First, the Bad News: Pleasure won't protect us from pain, death, loss, or illness. Pleasure cannot inoculate us from our own pain or the pain of the world. Pleasure isn't a magical amulet we wear over our hearts to prevent them from breaking.
Opening our hearts and souls to pleasure guarantees that our hearts and souls will be open to pain, too.
But wait, all is not lost.
Here's the Good News: being a pleasurista allows you to surf waves of pain just as you surf waves of pleasure, neither clutching nor resisting. This means pain can move through cleanly and clearly.
Being a pleasurista also empowers you to find pockets of pleasure and happiness even when pain has shown up at your door.
The way of the pleasurista is not some Madison Avenue fantasyland of adolescent beauty, endless sunsets, and nonstop Crest smiles. The way of the pleasurista is about learning to trust the process of life, living open hearted and curious, willing to step into adventure and Mystery.
And romping with pleasure wherever, and wherever, she shows her luscious face.
Great theory, I hear you say. But how does that really look? How do we keep returning to, and remembering, pleasure, even in illness, loss, death, and the profound pain of both our culture and the world?
First, a couple of stories from my clients;
Blake subscribed to a flower delivery service during a painful divorce, treating herself to beautiful weekly flower arrangements (her favorite pleasure). After mediation finished, she continued to send herself flower arrangements once a month. The best part was that with menopause brain she kept forgetting that she had set up this automatic treat, so each flower delivery was a surprise!
Georgia decided to journey through chemotherapy as a pleasurista. Her friends gave her hand and foot massages during her treatments. During one chemo these generous pleasuristas gave hand massages to the four other patients as well. "It was like a love feast, and the high point of those three months," Georgia told me. These same pleasuristas gave her weekly pedicures and manicures.
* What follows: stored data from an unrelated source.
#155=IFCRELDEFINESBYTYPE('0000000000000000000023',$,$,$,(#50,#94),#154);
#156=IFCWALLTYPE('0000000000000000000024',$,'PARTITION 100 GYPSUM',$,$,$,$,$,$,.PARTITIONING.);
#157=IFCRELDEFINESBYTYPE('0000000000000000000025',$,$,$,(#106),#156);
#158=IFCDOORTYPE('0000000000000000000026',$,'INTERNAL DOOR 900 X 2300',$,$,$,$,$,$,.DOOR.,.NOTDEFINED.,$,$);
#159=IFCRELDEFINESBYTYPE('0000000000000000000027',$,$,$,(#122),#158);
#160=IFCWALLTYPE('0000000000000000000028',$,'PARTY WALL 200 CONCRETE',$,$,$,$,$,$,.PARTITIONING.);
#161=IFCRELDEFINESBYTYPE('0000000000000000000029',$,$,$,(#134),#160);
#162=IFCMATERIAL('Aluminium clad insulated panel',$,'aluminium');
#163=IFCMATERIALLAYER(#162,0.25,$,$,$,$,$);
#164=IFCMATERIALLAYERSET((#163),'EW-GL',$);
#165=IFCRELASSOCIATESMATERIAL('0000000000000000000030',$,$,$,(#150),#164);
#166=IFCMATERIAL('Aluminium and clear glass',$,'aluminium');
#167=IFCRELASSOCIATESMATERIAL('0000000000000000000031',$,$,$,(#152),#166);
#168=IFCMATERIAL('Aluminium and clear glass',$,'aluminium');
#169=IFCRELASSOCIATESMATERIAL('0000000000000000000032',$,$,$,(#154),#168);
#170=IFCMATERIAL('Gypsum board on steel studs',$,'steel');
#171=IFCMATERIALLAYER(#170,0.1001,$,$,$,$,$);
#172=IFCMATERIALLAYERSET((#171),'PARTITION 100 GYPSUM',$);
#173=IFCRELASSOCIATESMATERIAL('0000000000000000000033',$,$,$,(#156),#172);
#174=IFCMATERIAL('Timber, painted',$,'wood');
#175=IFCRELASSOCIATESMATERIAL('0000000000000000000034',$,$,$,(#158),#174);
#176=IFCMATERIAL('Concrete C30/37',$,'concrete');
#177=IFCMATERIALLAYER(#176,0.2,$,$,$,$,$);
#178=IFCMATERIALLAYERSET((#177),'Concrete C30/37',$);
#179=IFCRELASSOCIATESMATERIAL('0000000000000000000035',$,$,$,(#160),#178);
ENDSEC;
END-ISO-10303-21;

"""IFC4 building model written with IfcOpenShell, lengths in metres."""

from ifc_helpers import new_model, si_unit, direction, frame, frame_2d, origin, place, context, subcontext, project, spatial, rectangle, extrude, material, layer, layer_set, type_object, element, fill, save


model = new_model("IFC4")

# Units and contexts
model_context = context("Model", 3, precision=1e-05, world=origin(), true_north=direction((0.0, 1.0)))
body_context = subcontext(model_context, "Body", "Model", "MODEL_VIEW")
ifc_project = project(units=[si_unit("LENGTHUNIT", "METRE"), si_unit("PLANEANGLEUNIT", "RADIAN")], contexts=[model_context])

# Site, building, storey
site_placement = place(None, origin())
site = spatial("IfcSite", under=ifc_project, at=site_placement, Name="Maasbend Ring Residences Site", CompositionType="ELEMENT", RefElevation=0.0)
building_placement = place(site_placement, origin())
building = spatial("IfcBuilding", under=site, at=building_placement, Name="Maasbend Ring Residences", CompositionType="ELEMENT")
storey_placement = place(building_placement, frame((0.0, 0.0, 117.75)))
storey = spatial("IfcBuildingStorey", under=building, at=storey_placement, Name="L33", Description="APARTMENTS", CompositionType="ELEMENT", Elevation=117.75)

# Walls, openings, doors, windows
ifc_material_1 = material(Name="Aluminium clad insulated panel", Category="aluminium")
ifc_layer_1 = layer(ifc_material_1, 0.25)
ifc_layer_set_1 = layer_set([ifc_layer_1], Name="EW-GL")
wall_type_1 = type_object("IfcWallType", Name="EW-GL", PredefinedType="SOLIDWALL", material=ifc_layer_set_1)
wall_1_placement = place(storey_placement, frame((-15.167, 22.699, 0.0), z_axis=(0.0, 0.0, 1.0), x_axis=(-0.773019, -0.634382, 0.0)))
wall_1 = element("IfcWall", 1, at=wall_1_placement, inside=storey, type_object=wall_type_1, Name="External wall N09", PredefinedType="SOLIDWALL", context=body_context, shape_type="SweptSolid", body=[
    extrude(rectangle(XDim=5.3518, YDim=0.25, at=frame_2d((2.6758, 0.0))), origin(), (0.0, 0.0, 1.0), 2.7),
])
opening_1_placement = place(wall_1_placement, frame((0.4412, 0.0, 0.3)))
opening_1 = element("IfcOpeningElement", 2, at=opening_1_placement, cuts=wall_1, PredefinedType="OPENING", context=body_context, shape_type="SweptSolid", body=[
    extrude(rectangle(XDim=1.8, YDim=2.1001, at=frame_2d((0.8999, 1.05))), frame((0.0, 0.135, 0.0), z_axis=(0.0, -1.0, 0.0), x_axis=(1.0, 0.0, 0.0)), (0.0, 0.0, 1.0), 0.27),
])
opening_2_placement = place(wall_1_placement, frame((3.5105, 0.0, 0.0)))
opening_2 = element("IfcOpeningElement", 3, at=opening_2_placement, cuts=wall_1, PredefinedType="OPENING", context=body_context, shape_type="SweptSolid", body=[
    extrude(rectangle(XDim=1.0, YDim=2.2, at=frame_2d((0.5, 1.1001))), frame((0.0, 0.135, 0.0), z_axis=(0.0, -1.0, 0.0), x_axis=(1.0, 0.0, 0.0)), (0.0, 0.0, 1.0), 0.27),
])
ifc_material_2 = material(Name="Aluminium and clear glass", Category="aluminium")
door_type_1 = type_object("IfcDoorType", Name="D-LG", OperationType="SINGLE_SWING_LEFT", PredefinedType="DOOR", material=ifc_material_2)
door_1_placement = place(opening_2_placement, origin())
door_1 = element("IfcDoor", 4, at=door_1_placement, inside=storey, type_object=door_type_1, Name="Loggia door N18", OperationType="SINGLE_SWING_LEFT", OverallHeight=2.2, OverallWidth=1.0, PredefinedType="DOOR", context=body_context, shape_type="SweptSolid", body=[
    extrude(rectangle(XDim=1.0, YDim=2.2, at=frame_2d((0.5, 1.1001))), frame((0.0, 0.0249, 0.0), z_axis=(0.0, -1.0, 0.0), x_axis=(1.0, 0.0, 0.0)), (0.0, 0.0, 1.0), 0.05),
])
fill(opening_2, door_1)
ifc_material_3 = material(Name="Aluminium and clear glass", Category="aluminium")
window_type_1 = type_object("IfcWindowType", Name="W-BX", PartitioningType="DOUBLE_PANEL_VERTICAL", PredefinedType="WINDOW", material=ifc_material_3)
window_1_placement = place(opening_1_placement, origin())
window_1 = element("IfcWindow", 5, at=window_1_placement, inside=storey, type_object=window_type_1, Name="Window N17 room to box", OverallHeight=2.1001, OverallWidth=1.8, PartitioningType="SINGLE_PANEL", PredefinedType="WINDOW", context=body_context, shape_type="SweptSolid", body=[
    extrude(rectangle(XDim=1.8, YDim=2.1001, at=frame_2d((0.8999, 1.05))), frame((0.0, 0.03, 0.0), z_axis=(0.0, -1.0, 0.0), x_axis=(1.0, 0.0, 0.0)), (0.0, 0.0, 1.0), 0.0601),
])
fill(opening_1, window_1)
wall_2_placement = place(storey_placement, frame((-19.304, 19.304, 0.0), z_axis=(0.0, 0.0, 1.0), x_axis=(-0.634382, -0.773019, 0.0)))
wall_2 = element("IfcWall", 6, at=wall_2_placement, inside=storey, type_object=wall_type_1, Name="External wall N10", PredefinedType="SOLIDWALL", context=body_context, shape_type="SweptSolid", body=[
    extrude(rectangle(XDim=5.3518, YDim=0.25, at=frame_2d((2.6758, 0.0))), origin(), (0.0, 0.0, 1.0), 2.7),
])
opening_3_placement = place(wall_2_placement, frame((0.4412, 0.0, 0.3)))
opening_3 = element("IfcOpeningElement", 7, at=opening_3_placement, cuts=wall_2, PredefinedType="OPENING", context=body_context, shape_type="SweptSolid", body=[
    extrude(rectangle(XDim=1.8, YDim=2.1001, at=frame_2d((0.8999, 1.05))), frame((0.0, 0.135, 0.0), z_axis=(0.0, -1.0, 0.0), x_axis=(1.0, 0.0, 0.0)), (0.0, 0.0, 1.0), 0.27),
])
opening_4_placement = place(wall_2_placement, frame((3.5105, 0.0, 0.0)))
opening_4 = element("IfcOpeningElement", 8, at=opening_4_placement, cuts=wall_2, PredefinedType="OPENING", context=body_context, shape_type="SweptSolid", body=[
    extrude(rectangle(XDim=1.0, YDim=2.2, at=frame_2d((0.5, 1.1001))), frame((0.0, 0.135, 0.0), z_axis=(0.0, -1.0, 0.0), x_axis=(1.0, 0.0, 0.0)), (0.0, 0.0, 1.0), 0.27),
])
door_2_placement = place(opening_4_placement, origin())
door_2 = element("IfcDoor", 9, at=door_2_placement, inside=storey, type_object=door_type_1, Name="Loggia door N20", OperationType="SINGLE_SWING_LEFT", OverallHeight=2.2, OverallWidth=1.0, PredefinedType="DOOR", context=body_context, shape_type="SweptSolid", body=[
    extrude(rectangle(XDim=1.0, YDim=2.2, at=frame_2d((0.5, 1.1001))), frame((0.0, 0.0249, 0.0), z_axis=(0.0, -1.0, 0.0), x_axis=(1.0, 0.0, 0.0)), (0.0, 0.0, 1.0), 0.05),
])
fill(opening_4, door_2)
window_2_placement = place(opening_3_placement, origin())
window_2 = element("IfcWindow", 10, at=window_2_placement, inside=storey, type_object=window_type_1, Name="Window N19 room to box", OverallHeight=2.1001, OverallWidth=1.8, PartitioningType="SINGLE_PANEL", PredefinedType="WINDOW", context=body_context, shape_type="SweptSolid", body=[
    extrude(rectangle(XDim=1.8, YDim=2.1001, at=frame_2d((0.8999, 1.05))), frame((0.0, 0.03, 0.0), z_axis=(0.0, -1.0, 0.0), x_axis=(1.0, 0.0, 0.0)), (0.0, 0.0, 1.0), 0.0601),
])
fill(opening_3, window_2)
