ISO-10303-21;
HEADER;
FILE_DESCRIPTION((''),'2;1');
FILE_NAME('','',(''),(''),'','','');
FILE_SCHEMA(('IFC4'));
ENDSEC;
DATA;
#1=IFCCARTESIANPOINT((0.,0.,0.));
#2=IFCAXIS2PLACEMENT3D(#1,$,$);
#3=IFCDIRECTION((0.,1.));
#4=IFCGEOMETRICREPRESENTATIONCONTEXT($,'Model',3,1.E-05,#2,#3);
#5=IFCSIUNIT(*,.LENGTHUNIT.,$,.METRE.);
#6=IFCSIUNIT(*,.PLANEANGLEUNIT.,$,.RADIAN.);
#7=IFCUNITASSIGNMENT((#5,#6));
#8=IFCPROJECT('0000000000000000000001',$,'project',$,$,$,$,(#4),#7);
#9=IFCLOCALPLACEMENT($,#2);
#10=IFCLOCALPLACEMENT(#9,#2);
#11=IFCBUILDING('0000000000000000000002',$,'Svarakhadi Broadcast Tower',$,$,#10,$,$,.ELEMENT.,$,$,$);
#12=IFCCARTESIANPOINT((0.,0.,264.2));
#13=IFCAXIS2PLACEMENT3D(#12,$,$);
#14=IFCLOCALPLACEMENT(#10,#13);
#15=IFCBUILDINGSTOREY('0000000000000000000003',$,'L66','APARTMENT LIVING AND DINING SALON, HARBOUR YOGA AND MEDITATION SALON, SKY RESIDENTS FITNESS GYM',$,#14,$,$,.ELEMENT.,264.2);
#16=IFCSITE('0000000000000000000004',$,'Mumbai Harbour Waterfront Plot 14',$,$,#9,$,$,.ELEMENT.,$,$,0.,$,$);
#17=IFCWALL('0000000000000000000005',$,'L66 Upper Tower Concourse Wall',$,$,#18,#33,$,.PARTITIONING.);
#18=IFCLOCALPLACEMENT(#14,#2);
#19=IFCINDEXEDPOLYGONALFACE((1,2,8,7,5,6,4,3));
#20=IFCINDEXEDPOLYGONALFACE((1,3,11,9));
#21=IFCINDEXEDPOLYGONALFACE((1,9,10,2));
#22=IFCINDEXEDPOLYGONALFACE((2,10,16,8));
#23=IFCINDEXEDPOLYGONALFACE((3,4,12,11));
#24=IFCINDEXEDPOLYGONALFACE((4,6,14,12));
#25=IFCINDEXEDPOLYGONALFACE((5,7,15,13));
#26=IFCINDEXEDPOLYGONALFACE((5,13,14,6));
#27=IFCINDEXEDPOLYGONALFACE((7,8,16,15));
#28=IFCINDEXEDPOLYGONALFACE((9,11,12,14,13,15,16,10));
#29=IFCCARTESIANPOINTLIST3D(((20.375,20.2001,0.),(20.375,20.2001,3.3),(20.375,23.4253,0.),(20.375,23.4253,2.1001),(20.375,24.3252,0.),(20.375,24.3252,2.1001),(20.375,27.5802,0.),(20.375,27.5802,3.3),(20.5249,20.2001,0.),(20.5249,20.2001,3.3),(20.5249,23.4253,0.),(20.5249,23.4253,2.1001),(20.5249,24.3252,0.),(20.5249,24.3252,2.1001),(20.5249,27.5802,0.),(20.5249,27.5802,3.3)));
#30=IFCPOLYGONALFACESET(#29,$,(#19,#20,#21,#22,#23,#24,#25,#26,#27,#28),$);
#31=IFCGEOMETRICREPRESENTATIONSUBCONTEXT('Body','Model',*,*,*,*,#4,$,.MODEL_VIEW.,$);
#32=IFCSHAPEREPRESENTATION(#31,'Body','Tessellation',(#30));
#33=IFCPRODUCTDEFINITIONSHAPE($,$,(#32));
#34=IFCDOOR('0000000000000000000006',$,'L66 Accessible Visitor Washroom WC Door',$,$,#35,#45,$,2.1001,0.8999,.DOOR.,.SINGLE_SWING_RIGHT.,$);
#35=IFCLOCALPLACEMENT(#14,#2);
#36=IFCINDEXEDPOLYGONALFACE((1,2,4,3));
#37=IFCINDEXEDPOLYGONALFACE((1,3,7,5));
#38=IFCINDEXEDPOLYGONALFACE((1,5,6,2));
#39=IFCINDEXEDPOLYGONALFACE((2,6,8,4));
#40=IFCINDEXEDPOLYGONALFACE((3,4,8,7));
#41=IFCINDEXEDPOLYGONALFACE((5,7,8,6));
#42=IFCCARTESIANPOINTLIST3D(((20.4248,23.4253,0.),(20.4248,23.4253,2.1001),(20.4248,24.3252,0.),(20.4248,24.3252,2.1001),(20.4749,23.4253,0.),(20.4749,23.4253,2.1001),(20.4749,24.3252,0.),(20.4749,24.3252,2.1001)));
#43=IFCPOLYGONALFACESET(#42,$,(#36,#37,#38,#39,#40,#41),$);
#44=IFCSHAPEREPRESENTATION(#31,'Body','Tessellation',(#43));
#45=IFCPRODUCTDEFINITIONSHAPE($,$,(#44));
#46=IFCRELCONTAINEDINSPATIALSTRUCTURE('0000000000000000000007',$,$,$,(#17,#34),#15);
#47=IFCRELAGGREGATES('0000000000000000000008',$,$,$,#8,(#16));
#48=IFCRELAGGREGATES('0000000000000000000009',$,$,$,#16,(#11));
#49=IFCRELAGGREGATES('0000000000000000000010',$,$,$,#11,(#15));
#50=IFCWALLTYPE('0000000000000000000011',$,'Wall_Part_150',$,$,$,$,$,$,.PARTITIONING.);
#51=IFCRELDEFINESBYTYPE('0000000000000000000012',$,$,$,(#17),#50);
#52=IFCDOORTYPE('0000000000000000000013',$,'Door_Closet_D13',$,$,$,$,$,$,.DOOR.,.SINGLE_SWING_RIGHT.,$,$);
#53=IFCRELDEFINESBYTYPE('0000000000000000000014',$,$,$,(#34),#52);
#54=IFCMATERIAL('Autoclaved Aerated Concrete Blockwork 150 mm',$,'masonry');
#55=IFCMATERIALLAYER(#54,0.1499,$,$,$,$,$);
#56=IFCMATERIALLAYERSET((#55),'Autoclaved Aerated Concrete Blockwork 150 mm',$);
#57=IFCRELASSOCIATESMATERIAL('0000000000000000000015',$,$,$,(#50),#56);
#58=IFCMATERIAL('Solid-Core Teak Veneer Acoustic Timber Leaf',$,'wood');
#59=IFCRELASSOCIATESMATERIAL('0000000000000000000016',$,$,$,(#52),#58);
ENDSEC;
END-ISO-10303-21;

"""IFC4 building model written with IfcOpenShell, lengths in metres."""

from ifc_helpers import new_model, si_unit, direction, frame, frame_2d, origin, place, context, subcontext, project, spatial, rectangle, extrude, material, layer, layer_set, type_object, element, fill, save


model = new_model("IFC4")

# Units and contexts
model_context = context("Model", 3, precision=1e-05, world=origin(), true_north=direction((0.0, 1.0)))
body_context = subcontext(model_context, "Body", "Model", "MODEL_VIEW")
ifc_project = project(units=[si_unit("LENGTHUNIT", "METRE"), si_unit("PLANEANGLEUNIT", "RADIAN")], contexts=[model_context])

# Site, building, storey
site_placement = place(None, origin())
site = spatial("IfcSite", under=ifc_project, at=site_placement, Name="Mumbai Harbour Waterfront Plot 14", CompositionType="ELEMENT", RefElevation=0.0)
building_placement = place(site_placement, origin())
building = spatial("IfcBuilding", under=site, at=building_placement, Name="Svarakhadi Broadcast Tower", CompositionType="ELEMENT")
storey_placement = place(building_placement, frame((0.0, 0.0, 264.2)))
storey = spatial("IfcBuildingStorey", under=building, at=storey_placement, Name="L66", Description="APARTMENT LIVING AND DINING SALON, HARBOUR YOGA AND MEDITATION SALON, SKY RESIDENTS FITNESS GYM", CompositionType="ELEMENT", Elevation=264.2)

# Shared definitions
ifc_material_1 = material(Name="Autoclaved Aerated Concrete Blockwork 150 mm", Category="masonry")
ifc_layer_1 = layer(ifc_material_1, 0.1499)
ifc_layer_set_1 = layer_set([ifc_layer_1], Name="Autoclaved Aerated Concrete Blockwork 150 mm")
wall_type = type_object("IfcWallType", Name="Wall_Part_150", PredefinedType="PARTITIONING", material=ifc_layer_set_1)

# Wall, opening, door
wall_1_placement = place(storey_placement, frame((20.45, 27.5801, 0.0), z_axis=(0.0, 0.0, 1.0), x_axis=(0.0, -1.0, 0.0)))
wall_1 = element("IfcWall", 1, at=wall_1_placement, inside=storey, type_object=wall_type, Name="L66 Upper Tower Concourse Wall", PredefinedType="PARTITIONING", context=body_context, shape_type="SweptSolid", body=[
    extrude(rectangle(XDim=7.3801, YDim=0.1499, at=frame_2d((3.6899, 0.0))), origin(), (0.0, 0.0, 1.0), 3.3),
])
opening_placement = place(wall_1_placement, frame((3.2549, 0.0, 0.0)))
opening = element("IfcOpeningElement", 2, at=opening_placement, cuts=wall_1, PredefinedType="OPENING", context=body_context, shape_type="SweptSolid", body=[
    extrude(rectangle(XDim=0.8999, YDim=2.1001, at=frame_2d((0.45, 1.05))), frame((0.0, 0.085, 0.0), z_axis=(0.0, -1.0, 0.0), x_axis=(1.0, 0.0, 0.0)), (0.0, 0.0, 1.0), 0.1699),
])
ifc_material_2 = material(Name="Solid-Core Teak Veneer Acoustic Timber Leaf", Category="wood")
door_type = type_object("IfcDoorType", Name="Door_Closet_D13", OperationType="SINGLE_SWING_RIGHT", PredefinedType="DOOR", material=ifc_material_2)
door_placement = place(opening_placement, origin())
door = element("IfcDoor", 3, at=door_placement, inside=storey, type_object=door_type, Name="L66 Accessible Visitor Washroom WC Door", OperationType="SINGLE_SWING_RIGHT", OverallHeight=2.1001, OverallWidth=0.8999, PredefinedType="DOOR", context=body_context, shape_type="SweptSolid", body=[
    extrude(rectangle(XDim=0.8999, YDim=2.1001, at=frame_2d((0.45, 1.05))), frame((0.0, 0.0249, 0.0), z_axis=(0.0, -1.0, 0.0), x_axis=(1.0, 0.0, 0.0)), (0.0, 0.0, 1.0), 0.05),
])
fill(opening, door)

save(model, "model.ifc")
Georgia told me these times of being cared for by girlfriends were like oases in the desert she had to cross. Knowing an oasis was coming soon helped immensely when the desert crossings—the nausea, the bottomless fatigue, the fear—got really tough.
And from my own life:
The Way of the Pleasurista recently sustained me during the darkest fourteen months of my life: both parents suffered and died (Parkinson's and breast cancer); my daughter left home; my homeland, New Orleans, was devastated by Katrina and politics.
I chose to find pleasure wherever I could. I allowed David (The Husband) to cook me scrumptious meals, even when I didn't feel like eating. I watched funny movies three times a week, finding that sometimes I could laugh even when I thought I'd never smile again. I wrote gratitude lists. I lit rose-scented candles and meditated.
Surrounding myself with pleasure and love and beauty reminded me of a piece of Buddhist wisdom. Grief is like a fistful of salt, they say. If you dissolve it in a cup of water, just try sipping it: what you have is some pretty damn gaggy stuff (my words, not theirs). If, however, you take that same salt and dissolve it in a lake, the gag factor plummets.
We can't make the salt go away. What we can do is to dissolve it in the biggest container possible. Pleasure helps us make that bigger container, a container made large with love, caring, and beauty.
Knowing how to dissolve the salt of your pain is one of the sweet powers of a pleasurista.
After 45 years on the planet, our losses pile up, sisters: children leave home, illness finds us and those we love, marriages end, and parents die. We can shut down in the face of so much pain (many of us do, unfortunately, for the rest of our precious lives), or choose life, pleasure, beauty, and love even in the midst of sorrow.
And the final Good News: opening to both pleasure and pain (in other words, opening to life as it moves through us) makes us so much more grateful for the pleasure, the joy, the happiness, when it shows up.
We post-45 pleasuristas can celebrate pleasure, and beauty, and joy as the divine gifts that they are. Let sorrow and pain come, as they most certainly will.
Let us keep returning, as we can, to love, and beauty, and pleasure.